[v2 09/12] powerpc/mce: Enable MCE notifiers in external modules

Nicholas Piggin npiggin at gmail.com
Fri Jul 5 15:29:39 AEST 2019

Reza Arbab's on July 5, 2019 12:50 pm:
> On Thu, Jul 04, 2019 at 12:36:18PM +1000, Nicholas Piggin wrote:
>>Reza Arbab's on July 4, 2019 3:20 am:
>>> Since the notifier chain is actually part of the decision between (1)
>>> and (2), it's a hard limitation then that callbacks be in real address
>>> space. Is there any way to structure things so that's not the case?
>>If we tested for KVM guest first, and went through and marked (maybe
>>in a paca flag) everywhere else that put the MMU into a bad / non-host
>>state, and had the notifiers use the machine check stack, then it
>>would be possible to enable MMU here.
>>Hmm, testing for IR|DR after testing for KVM guest might actually be
>>enough without requiring changes outside the machine check handler...
>>Actually no that may not quite work because the handler could take a
>>SLB miss and it might have been triggered inside the SLB miss handler.
>>All in all I'm pretty against turning on MMU in the MCE handler
> Hey, fair enough.
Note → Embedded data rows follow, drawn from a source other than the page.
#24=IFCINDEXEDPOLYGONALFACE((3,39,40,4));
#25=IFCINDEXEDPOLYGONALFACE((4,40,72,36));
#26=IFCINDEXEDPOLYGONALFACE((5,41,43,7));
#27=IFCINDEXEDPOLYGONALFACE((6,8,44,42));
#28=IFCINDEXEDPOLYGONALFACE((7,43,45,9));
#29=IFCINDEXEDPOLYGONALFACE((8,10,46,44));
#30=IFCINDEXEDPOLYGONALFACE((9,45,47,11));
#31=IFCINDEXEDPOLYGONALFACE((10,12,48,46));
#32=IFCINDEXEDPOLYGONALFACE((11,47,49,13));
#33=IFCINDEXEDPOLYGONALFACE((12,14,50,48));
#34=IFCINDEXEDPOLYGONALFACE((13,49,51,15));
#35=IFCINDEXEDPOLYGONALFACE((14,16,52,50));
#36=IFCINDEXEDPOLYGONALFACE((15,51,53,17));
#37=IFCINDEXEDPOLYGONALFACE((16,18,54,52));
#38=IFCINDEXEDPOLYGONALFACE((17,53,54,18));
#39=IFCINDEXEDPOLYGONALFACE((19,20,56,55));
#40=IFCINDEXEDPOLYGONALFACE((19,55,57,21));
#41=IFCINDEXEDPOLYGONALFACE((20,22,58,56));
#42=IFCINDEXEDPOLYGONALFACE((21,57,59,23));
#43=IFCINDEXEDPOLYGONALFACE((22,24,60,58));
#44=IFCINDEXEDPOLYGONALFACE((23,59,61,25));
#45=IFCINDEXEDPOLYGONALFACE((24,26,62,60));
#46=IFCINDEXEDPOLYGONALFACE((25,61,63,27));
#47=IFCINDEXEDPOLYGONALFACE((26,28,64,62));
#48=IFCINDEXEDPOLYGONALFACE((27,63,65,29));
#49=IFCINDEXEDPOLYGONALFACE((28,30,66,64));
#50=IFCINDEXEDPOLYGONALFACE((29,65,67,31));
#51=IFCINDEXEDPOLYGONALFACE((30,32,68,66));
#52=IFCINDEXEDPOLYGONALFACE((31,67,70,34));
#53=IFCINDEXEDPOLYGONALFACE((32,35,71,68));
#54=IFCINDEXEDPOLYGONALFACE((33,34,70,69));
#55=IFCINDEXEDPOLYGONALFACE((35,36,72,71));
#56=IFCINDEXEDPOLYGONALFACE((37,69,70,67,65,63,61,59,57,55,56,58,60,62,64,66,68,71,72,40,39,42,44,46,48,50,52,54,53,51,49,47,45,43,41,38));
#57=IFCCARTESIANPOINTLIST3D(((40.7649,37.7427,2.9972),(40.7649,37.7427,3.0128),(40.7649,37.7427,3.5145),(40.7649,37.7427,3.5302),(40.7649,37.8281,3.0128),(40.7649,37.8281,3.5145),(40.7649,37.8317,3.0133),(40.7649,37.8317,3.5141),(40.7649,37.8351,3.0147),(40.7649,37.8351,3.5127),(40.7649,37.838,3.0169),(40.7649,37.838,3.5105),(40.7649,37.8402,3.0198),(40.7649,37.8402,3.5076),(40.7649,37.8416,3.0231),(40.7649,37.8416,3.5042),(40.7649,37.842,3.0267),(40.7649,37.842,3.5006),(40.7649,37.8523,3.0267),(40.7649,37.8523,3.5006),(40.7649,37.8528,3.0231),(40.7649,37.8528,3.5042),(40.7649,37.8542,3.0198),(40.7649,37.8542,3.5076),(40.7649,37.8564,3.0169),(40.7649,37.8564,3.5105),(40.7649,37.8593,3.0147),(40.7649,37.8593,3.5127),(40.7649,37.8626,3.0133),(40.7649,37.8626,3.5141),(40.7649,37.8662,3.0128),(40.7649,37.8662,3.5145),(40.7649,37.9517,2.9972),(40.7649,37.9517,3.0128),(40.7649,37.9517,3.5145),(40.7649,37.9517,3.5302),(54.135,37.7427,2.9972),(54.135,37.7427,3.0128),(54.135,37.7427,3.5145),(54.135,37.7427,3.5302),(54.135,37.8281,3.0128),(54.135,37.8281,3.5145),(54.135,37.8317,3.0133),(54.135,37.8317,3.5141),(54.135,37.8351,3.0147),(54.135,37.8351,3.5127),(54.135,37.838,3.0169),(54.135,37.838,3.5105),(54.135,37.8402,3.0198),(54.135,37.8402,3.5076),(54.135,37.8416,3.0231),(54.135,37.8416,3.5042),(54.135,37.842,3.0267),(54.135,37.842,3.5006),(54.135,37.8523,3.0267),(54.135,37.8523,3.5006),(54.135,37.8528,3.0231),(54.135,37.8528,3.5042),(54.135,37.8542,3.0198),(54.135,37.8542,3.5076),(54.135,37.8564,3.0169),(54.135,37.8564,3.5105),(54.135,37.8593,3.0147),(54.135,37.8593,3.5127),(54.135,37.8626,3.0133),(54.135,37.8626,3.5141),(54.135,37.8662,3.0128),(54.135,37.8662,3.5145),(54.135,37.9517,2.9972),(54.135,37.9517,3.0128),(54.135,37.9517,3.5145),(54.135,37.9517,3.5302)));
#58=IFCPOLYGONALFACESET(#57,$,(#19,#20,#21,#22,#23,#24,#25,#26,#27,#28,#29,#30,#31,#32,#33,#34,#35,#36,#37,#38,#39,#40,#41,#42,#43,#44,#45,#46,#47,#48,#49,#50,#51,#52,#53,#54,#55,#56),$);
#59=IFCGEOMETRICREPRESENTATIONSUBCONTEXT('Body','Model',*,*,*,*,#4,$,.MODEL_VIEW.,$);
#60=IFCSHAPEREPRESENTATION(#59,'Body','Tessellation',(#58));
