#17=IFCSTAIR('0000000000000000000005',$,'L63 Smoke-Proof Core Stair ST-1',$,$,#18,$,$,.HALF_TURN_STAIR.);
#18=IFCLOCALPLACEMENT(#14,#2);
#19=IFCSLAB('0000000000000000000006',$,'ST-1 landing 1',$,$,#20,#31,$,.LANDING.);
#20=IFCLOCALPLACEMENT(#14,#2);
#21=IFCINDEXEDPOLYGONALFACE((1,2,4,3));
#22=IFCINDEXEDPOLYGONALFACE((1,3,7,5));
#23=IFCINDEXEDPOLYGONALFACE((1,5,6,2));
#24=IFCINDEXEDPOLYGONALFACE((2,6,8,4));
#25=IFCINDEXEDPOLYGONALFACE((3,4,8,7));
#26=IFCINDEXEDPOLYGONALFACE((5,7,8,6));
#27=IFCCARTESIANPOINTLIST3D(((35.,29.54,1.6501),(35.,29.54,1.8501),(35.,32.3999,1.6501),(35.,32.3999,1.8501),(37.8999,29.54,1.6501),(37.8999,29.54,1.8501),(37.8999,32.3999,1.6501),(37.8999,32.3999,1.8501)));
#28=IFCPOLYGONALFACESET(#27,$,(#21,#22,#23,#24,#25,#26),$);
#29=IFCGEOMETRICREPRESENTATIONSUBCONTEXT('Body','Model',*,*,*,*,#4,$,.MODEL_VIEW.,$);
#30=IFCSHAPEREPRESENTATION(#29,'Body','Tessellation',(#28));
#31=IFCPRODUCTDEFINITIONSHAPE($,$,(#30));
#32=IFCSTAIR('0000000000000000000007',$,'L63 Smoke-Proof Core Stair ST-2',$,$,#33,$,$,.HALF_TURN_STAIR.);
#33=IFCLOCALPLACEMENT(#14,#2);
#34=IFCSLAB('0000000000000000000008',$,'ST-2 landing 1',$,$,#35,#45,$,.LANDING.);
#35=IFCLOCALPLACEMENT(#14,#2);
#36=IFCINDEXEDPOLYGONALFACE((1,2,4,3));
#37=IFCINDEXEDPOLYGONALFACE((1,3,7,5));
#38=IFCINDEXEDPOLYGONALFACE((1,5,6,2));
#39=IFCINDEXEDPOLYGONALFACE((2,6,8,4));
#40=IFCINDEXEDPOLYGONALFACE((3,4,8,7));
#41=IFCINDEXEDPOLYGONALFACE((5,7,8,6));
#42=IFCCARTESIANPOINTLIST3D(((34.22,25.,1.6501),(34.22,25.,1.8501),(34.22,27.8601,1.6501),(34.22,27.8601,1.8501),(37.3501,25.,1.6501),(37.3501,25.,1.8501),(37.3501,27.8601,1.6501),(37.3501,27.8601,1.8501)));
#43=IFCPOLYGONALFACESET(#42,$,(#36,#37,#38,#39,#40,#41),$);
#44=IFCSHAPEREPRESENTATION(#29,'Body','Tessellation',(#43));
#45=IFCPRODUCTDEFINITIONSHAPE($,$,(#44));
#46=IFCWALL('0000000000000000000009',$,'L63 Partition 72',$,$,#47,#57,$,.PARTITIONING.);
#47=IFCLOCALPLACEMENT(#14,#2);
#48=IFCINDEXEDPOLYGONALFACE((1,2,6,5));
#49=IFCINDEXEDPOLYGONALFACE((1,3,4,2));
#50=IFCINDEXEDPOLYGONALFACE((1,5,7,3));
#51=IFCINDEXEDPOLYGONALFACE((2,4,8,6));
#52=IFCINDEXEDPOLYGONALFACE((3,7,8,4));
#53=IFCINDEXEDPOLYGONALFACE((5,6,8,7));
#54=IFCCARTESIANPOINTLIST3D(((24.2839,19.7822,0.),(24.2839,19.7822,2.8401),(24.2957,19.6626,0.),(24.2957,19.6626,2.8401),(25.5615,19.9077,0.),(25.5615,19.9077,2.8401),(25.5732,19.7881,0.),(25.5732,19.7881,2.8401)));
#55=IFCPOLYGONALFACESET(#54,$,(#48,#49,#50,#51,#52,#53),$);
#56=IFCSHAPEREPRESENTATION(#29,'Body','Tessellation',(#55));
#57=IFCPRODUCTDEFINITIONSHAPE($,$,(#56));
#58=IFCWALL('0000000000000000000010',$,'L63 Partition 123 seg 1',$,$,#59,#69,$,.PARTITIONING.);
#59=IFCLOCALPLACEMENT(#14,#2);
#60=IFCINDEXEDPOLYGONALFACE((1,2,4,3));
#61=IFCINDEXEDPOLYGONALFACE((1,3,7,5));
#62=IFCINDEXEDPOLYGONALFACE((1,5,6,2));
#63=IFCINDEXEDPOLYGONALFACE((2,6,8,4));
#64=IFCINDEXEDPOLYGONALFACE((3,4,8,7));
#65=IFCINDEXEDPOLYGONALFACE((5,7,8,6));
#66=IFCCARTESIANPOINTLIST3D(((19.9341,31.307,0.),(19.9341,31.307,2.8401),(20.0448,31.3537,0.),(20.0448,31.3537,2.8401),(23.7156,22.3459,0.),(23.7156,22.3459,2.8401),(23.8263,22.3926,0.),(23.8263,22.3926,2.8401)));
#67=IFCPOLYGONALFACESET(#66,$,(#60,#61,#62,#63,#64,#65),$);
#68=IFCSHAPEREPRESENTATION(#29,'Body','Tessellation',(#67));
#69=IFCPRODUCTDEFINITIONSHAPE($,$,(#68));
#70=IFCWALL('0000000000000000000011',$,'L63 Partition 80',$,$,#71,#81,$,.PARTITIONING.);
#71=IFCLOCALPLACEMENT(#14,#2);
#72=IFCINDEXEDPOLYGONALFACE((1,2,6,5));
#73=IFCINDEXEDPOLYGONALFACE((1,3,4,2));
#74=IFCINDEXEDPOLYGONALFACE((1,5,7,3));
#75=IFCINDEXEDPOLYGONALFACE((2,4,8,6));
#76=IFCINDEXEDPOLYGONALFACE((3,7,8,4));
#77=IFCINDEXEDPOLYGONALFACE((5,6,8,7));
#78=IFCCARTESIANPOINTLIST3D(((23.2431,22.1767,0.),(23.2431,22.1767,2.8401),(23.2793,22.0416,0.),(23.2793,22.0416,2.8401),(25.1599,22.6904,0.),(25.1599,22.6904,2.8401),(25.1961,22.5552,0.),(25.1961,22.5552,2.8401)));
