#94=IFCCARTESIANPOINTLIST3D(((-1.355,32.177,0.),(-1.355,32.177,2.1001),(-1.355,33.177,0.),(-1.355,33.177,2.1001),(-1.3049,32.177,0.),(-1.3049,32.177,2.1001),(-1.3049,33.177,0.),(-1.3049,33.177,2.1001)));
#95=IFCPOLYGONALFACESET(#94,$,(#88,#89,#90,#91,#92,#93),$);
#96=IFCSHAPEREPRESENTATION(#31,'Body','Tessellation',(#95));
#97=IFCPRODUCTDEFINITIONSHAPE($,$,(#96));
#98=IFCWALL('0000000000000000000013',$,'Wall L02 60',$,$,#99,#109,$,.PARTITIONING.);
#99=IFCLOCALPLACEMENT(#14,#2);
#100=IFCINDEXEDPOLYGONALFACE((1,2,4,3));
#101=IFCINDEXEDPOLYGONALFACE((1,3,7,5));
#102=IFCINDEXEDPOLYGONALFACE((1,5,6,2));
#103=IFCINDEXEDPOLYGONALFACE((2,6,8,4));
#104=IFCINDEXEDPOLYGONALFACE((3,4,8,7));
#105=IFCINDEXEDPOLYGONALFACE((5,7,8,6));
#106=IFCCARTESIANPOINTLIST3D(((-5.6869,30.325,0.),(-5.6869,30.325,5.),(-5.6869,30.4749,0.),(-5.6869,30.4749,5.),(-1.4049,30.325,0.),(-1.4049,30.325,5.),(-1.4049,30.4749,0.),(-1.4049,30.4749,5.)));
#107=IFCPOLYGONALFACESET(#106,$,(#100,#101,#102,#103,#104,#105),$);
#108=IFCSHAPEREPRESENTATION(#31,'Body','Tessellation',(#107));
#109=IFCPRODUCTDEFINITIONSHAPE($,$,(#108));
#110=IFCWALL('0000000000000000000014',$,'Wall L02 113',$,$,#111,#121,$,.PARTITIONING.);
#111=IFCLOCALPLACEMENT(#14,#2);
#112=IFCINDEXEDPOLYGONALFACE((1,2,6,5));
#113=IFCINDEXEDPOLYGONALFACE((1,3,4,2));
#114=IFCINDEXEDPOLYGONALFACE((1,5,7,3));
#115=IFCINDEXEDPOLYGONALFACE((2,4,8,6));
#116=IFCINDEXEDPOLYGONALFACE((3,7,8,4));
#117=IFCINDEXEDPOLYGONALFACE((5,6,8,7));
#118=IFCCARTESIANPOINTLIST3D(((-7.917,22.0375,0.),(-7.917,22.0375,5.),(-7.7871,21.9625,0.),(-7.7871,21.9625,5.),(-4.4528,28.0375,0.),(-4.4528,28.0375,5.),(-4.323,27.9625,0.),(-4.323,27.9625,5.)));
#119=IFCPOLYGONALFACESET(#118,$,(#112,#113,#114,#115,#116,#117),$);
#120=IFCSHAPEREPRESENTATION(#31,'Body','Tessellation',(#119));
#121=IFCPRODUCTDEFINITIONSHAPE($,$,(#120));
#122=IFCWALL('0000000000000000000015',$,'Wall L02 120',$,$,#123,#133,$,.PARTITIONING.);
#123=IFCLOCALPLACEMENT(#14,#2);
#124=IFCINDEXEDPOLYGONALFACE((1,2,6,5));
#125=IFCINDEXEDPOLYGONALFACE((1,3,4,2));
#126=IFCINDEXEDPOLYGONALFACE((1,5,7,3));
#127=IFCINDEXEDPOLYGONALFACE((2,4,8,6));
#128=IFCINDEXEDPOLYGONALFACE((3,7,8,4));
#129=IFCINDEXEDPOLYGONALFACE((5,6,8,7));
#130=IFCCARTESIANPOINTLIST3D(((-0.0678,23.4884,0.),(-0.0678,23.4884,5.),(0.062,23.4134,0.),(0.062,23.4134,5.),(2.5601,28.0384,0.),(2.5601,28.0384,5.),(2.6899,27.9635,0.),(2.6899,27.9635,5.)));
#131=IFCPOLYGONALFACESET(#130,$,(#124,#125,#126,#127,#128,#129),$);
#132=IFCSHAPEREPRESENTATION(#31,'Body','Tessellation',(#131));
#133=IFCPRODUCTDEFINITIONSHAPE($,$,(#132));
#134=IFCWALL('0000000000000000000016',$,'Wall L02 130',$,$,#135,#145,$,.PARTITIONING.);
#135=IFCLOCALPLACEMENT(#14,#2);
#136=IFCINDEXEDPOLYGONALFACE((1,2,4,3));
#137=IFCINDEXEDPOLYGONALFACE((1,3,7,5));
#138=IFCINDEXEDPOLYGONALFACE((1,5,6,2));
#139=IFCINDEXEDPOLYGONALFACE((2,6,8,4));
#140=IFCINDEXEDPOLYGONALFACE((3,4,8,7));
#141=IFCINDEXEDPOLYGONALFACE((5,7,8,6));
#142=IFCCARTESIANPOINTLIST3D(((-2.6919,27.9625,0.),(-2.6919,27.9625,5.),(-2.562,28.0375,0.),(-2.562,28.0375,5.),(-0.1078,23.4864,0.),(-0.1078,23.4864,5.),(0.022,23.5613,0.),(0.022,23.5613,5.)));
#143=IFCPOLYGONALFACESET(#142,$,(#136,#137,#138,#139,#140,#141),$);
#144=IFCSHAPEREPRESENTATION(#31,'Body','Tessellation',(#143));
Just making sure there really isnt't any room to make 
> things work the way I was trying.


>>> Luckily this patch isn't really necessary for memcpy_mcsafe(), but we
>>> have a couple of other potential users of the notifier from external
>>> modules (so their callbacks would require virtual mode).
>>What users are there? Do they do any significant amount of logic that
>>can not be moved to vmlinux?
> One I had in mind was the NVIDIA driver. When taking a UE from defective 
> GPU memory, it could use the notifier to save the bad address to a 
> blacklist in their nvram. Not so much recovering the machine check, just 
> logging before the system reboots.
> The other user is a prototype driver for the IBM Research project we had 
> a talk about offline a while back.

Okay. It might be possible to save the address in the kernel and
then notify the driver afterward. For user-mode and any non-atomic
user copy AFAIK the irq_work should practically run synchronously
after the machine check returns so it might be enough to have a
notifier in the irq work processing.

> We can make this patchset work for memcpy_mcsafe(), but I think it's 
> back to the drawing board for the others.

For the first stage that would be preferable.